After pinging back, it then unscrambles the TCP data parsing it into Json and adding to a MongoDB database. Which then is used for displaying data to the customers.
Also, on the same EC2 instance, another application is deployed on-demand via front-end APIs requests to send commands to the IoT devices and logs it into the same DB, sometimes changing constants that are defined to each device separately.
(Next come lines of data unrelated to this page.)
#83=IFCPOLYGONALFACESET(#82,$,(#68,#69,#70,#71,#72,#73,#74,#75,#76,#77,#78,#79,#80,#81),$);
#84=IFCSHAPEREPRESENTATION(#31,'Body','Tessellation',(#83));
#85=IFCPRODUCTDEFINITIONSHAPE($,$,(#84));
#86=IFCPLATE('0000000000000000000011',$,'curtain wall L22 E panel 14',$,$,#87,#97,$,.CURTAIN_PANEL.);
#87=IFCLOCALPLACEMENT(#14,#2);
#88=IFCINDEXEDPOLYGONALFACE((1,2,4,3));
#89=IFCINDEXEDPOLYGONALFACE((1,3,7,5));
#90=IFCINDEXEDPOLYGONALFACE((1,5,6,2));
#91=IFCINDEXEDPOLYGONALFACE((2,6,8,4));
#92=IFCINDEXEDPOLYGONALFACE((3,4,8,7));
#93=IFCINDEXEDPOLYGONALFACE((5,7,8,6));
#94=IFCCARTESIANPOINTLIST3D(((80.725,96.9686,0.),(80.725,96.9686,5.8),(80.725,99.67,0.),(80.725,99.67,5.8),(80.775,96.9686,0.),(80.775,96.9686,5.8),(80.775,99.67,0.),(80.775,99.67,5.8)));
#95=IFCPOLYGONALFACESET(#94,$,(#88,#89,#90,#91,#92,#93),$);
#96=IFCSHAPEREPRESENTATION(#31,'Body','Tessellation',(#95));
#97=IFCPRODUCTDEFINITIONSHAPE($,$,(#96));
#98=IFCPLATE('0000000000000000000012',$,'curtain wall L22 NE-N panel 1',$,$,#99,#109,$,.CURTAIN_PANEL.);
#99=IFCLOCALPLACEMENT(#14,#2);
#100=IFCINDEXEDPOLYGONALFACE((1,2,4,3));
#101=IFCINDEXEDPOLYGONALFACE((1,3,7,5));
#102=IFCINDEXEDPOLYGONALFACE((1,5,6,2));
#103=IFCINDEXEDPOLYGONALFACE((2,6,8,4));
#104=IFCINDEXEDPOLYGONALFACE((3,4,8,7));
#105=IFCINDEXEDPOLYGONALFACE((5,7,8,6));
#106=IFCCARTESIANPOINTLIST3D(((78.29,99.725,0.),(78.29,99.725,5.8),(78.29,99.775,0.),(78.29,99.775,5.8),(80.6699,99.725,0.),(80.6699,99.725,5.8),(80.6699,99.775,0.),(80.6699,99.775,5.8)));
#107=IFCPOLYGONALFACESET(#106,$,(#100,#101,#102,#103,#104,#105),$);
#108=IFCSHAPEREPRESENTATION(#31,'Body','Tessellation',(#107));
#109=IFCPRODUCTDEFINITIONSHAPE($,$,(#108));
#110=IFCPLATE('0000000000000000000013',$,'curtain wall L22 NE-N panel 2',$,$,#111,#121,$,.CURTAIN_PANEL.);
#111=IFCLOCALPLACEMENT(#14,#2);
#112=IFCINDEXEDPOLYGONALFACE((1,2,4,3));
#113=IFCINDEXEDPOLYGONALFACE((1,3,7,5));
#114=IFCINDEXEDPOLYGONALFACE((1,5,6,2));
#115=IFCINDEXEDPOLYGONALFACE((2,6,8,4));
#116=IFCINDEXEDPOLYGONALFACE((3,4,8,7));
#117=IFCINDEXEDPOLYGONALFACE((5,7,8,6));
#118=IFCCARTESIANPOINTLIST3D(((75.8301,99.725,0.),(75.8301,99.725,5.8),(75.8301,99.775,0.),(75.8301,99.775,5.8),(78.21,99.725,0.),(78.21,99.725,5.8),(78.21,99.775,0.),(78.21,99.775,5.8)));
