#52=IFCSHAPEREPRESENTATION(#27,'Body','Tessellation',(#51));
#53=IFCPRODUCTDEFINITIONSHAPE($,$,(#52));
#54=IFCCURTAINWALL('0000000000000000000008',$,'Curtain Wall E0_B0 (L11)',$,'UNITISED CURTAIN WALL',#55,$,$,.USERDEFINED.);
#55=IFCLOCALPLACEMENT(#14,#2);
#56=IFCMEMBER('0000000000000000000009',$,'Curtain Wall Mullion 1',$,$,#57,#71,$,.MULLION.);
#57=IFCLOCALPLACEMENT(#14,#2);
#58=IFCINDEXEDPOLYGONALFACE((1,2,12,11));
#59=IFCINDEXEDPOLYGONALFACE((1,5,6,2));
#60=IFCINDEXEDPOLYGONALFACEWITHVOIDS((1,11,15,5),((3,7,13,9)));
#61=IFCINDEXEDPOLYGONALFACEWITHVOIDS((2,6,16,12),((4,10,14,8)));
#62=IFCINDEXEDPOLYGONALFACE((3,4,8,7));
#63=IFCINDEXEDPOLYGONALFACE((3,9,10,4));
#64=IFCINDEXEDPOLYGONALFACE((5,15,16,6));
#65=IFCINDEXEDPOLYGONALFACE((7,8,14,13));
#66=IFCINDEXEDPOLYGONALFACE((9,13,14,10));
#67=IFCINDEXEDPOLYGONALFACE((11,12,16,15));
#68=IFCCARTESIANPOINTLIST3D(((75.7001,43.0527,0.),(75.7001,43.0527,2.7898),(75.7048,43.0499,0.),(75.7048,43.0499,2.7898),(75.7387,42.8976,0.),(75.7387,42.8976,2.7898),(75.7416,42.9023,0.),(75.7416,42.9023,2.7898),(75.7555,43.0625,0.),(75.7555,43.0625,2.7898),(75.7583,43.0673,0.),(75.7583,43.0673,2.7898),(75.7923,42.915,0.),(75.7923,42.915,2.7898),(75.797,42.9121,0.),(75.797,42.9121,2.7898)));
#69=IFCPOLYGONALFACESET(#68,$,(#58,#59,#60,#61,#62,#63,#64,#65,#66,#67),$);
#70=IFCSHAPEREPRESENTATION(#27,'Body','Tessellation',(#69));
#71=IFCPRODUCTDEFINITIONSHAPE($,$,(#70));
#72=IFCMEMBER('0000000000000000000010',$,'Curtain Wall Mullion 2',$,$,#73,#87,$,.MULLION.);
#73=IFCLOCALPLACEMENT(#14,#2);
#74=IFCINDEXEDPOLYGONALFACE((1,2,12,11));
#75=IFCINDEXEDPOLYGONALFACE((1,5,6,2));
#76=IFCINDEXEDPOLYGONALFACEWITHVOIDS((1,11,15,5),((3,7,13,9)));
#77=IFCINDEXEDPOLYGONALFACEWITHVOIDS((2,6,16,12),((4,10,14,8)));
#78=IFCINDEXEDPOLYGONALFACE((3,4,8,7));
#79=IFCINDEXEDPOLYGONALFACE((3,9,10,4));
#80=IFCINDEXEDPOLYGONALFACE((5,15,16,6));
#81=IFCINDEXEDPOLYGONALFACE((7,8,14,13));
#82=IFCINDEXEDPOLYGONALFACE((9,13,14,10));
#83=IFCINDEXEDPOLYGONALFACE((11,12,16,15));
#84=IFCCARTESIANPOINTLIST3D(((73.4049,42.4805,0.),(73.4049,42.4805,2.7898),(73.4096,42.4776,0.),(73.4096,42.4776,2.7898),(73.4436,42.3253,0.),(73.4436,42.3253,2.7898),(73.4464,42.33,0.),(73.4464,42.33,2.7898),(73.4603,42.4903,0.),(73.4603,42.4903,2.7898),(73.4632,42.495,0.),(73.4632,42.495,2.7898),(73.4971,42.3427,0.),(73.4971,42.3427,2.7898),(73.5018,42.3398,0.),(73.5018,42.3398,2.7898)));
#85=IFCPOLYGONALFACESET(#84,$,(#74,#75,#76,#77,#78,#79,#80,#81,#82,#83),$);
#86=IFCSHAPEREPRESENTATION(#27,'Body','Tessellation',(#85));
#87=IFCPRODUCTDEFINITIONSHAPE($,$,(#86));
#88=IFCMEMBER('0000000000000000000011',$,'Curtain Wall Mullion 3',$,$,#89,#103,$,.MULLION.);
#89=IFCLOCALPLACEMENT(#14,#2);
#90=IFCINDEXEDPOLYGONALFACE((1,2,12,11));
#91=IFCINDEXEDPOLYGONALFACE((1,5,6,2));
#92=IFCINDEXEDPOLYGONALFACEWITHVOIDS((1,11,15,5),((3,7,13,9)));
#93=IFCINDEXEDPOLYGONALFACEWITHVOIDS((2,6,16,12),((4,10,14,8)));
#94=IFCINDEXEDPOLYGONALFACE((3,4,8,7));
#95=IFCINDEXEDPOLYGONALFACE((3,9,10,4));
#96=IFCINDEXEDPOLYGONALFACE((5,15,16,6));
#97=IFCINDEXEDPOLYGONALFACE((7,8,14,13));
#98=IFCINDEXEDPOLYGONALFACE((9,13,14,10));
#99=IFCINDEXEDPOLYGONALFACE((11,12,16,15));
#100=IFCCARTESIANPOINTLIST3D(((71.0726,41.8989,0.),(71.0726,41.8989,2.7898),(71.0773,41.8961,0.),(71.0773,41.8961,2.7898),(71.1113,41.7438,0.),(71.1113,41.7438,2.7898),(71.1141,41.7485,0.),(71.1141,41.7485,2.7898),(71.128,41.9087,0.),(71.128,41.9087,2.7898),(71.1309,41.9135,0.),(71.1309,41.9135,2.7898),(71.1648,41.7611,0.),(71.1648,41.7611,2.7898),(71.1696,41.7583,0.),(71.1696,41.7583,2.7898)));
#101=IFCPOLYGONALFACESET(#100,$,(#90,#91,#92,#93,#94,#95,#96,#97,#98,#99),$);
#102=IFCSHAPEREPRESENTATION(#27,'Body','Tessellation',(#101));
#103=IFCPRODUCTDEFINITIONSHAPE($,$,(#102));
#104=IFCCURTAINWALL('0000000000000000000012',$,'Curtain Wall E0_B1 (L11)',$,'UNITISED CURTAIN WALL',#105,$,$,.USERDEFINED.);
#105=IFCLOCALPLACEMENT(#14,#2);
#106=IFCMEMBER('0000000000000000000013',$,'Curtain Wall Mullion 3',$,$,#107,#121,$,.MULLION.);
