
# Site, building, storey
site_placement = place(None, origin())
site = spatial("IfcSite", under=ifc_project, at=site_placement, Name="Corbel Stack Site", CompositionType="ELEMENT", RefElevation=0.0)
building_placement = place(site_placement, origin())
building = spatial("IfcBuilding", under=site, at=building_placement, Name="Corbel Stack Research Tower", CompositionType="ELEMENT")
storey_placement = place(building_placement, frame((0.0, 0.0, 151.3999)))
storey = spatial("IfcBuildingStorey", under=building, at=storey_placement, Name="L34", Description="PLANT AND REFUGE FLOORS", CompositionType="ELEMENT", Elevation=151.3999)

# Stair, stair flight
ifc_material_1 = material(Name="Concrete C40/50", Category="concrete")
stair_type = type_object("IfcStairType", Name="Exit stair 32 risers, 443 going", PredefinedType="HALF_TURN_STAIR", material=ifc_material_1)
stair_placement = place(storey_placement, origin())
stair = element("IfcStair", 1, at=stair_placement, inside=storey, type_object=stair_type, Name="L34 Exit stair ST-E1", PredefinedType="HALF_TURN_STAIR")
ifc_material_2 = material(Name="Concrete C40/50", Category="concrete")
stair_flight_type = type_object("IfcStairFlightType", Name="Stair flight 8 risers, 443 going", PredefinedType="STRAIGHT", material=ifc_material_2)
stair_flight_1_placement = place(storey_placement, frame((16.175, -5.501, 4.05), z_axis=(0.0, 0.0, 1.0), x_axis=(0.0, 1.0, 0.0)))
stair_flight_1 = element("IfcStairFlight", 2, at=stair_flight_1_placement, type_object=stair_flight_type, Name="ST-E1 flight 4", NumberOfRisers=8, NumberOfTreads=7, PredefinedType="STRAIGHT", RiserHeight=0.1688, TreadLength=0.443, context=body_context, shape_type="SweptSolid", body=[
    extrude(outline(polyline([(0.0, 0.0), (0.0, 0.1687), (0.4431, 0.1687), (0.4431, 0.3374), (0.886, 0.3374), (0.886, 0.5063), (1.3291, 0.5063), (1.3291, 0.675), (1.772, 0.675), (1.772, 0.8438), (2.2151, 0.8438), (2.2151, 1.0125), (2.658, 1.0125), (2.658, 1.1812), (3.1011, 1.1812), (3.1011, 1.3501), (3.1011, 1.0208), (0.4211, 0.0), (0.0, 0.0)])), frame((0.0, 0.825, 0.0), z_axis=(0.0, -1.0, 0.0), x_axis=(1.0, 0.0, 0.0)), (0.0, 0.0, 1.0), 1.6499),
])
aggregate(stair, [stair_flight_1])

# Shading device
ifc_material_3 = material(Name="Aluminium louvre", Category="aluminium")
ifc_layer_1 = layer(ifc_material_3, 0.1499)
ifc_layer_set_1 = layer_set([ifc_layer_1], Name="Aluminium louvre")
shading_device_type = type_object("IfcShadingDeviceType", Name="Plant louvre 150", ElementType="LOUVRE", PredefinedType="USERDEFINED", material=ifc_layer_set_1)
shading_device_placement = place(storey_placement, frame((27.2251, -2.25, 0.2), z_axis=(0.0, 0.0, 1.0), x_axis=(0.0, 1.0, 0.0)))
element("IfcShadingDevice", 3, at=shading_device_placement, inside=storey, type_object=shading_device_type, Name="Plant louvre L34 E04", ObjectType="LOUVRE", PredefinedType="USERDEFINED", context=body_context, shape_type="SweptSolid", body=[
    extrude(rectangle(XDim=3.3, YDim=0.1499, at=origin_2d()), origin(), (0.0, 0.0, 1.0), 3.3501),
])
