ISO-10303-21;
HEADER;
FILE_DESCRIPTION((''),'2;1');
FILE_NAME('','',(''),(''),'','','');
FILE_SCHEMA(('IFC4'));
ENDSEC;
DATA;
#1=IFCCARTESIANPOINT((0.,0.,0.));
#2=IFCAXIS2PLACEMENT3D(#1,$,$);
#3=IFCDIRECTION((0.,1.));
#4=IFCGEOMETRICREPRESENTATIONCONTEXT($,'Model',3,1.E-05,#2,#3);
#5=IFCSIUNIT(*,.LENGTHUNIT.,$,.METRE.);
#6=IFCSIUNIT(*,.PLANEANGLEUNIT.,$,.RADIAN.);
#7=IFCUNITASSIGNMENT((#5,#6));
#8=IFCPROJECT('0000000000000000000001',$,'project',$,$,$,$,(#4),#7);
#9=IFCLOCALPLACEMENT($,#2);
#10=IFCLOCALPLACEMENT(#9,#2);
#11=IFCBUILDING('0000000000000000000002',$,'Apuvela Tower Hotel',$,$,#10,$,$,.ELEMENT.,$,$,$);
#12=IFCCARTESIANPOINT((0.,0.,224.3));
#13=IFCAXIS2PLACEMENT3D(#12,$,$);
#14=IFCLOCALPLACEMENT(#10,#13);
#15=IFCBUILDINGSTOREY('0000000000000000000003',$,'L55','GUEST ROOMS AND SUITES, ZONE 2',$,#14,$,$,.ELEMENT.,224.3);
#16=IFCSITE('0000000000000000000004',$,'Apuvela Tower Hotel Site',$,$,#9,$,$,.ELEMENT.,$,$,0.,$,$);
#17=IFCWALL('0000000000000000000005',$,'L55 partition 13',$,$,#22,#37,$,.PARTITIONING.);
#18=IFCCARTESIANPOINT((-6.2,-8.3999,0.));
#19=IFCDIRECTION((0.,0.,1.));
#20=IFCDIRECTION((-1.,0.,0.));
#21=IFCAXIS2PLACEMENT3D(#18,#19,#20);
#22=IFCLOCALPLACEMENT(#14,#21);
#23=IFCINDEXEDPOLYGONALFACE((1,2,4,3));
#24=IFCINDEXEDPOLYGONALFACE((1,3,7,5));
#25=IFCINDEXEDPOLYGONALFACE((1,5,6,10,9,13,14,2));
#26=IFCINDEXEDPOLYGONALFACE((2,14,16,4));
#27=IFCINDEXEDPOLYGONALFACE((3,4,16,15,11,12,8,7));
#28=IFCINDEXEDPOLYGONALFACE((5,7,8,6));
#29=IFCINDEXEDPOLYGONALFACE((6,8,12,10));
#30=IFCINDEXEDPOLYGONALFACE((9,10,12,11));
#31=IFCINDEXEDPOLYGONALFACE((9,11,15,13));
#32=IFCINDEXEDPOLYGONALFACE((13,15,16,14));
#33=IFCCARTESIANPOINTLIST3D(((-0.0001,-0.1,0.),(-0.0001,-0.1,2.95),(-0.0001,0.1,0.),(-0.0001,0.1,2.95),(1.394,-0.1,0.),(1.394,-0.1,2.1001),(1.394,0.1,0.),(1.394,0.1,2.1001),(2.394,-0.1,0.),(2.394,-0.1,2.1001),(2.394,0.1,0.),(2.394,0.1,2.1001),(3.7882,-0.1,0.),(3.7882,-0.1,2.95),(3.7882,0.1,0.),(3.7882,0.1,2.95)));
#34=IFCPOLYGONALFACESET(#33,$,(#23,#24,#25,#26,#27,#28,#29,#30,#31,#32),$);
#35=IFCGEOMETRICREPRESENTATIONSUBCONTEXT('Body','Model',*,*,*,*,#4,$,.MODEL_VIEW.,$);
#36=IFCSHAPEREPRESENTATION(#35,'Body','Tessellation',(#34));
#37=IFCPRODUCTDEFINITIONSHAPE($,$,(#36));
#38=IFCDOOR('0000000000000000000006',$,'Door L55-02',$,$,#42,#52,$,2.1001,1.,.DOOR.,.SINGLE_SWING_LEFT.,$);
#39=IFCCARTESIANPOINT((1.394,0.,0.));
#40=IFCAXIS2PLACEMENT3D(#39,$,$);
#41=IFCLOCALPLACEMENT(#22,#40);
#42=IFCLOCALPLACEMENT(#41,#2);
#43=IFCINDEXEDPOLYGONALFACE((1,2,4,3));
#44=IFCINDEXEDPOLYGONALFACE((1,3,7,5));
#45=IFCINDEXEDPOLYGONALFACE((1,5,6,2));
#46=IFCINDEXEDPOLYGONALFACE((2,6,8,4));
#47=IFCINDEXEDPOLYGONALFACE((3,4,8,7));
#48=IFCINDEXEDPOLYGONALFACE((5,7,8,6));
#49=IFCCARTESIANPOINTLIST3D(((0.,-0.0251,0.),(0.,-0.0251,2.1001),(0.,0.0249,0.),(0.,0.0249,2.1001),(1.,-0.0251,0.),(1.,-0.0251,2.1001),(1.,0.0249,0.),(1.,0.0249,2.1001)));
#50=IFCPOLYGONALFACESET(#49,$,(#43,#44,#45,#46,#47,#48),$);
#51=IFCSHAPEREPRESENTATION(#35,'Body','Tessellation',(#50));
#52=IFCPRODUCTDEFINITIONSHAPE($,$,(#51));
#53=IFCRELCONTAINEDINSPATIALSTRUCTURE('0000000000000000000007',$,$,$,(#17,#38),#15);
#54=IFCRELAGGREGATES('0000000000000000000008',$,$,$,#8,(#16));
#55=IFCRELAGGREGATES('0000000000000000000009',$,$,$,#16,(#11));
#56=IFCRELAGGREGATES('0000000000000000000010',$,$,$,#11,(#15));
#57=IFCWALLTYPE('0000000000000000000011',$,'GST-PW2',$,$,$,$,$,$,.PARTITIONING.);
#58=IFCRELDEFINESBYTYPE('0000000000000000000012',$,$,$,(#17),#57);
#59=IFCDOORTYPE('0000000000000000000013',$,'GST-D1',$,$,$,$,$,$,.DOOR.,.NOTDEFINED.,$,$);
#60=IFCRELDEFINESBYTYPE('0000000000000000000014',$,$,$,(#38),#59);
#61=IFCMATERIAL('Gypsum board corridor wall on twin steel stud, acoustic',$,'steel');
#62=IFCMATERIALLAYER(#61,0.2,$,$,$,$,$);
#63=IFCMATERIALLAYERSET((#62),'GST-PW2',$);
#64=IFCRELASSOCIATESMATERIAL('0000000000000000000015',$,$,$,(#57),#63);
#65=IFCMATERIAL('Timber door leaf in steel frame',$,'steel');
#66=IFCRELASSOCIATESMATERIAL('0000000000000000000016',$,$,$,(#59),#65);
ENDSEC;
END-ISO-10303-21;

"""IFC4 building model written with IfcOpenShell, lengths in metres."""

from ifc_helpers import new_model, si_unit, direction, frame, frame_2d, origin, place, context, subcontext, project, spatial, rectangle, extrude, material, layer, layer_set, type_object, element, fill, save


model = new_model("IFC4")

# Units and contexts
model_context = context("Model", 3, precision=1e-05, world=origin(), true_north=direction((0.0, 1.0)))
body_context = subcontext(model_context, "Body", "Model", "MODEL_VIEW")
ifc_project = project(units=[si_unit("LENGTHUNIT", "METRE"), si_unit("PLANEANGLEUNIT", "RADIAN")], contexts=[model_context])

# Site, building, storey
site_placement = place(None, origin())
site = spatial("IfcSite", under=ifc_project, at=site_placement, Name="Apuvela Tower Hotel Site", CompositionType="ELEMENT", RefElevation=0.0)
building_placement = place(site_placement, origin())
building = spatial("IfcBuilding", under=site, at=building_placement, Name="Apuvela Tower Hotel", CompositionType="ELEMENT")
storey_placement = place(building_placement, frame((0.0, 0.0, 224.3)))
storey = spatial("IfcBuildingStorey", under=building, at=storey_placement, Name="L55", Description="GUEST ROOMS AND SUITES, ZONE 2", CompositionType="ELEMENT", Elevation=224.3)

# Wall, opening, door
ifc_material_1 = material(Name="Gypsum board corridor wall on twin steel stud, acoustic", Category="steel")
ifc_layer_1 = layer(ifc_material_1, 0.2)
ifc_layer_set_1 = layer_set([ifc_layer_1], Name="GST-PW2")
wall_type_1 = type_object("IfcWallType", Name="GST-PW2", PredefinedType="PARTITIONING", material=ifc_layer_set_1)
wall_1_placement = place(storey_placement, frame((-6.2, -8.3999, 0.0), z_axis=(0.0, 0.0, 1.0), x_axis=(-1.0, 0.0, 0.0)))
wall_1 = element("IfcWall", 1, at=wall_1_placement, inside=storey, type_object=wall_type_1, Name="L55 partition 13", PredefinedType="PARTITIONING", context=body_context, shape_type="SweptSolid", body=[
    extrude(rectangle(XDim=3.7883, YDim=0.2, at=frame_2d((1.894, 0.0))), origin(), (0.0, 0.0, 1.0), 2.95),
])
opening_1_placement = place(wall_1_placement, frame((1.394, 0.0, 0.0)))
opening_1 = element("IfcOpeningElement", 2, at=opening_1_placement, cuts=wall_1, PredefinedType="OPENING", context=body_context, shape_type="SweptSolid", body=[
    extrude(rectangle(XDim=1.0, YDim=2.1001, at=frame_2d((0.5, 1.05))), frame((0.0, 0.1099, 0.0), z_axis=(0.0, -1.0, 0.0), x_axis=(1.0, 0.0, 0.0)), (0.0, 0.0, 1.0), 0.22),
])
ifc_material_2 = material(Name="Timber door leaf in steel frame", Category="steel")
door_type_1 = type_object("IfcDoorType", Name="GST-D1", OperationType="NOTDEFINED", PredefinedType="DOOR", material=ifc_material_2)
door_1_placement = place(opening_1_placement, origin())
door_1 = element("IfcDoor", 3, at=door_1_placement, inside=storey, type_object=door_type_1, Name="Door L55-02", OperationType="SINGLE_SWING_LEFT", OverallHeight=2.1001, OverallWidth=1.0, PredefinedType="DOOR", context=body_context, shape_type="SweptSolid", body=[
    extrude(rectangle(XDim=1.0, YDim=2.1001, at=frame_2d((0.5, 1.05))), frame((0.0, 0.0249, 0.0), z_axis=(0.0, -1.0, 0.0), x_axis=(1.0, 0.0, 0.0)), (0.0, 0.0, 1.0), 0.05),
])
fill(opening_1, door_1)

save(model, "model.ifc")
As we are developing new devices in MQTT protocol, we are creating new serverless architecture using AWS IoT Core. I'm looking for an innovative serverless solution to integrate the legacy devices in this more robust and less demanding architecture (more cost effective).
As I can't change the protocol, it must still be a TCP, i'm looking for something to convert the TCP into MQTT and then forward it to the general IoT Core. That way, i can use the same architecture for both new and old devices. Giving me time to slowly decommission the older devices, not having to maintain both infrastructures.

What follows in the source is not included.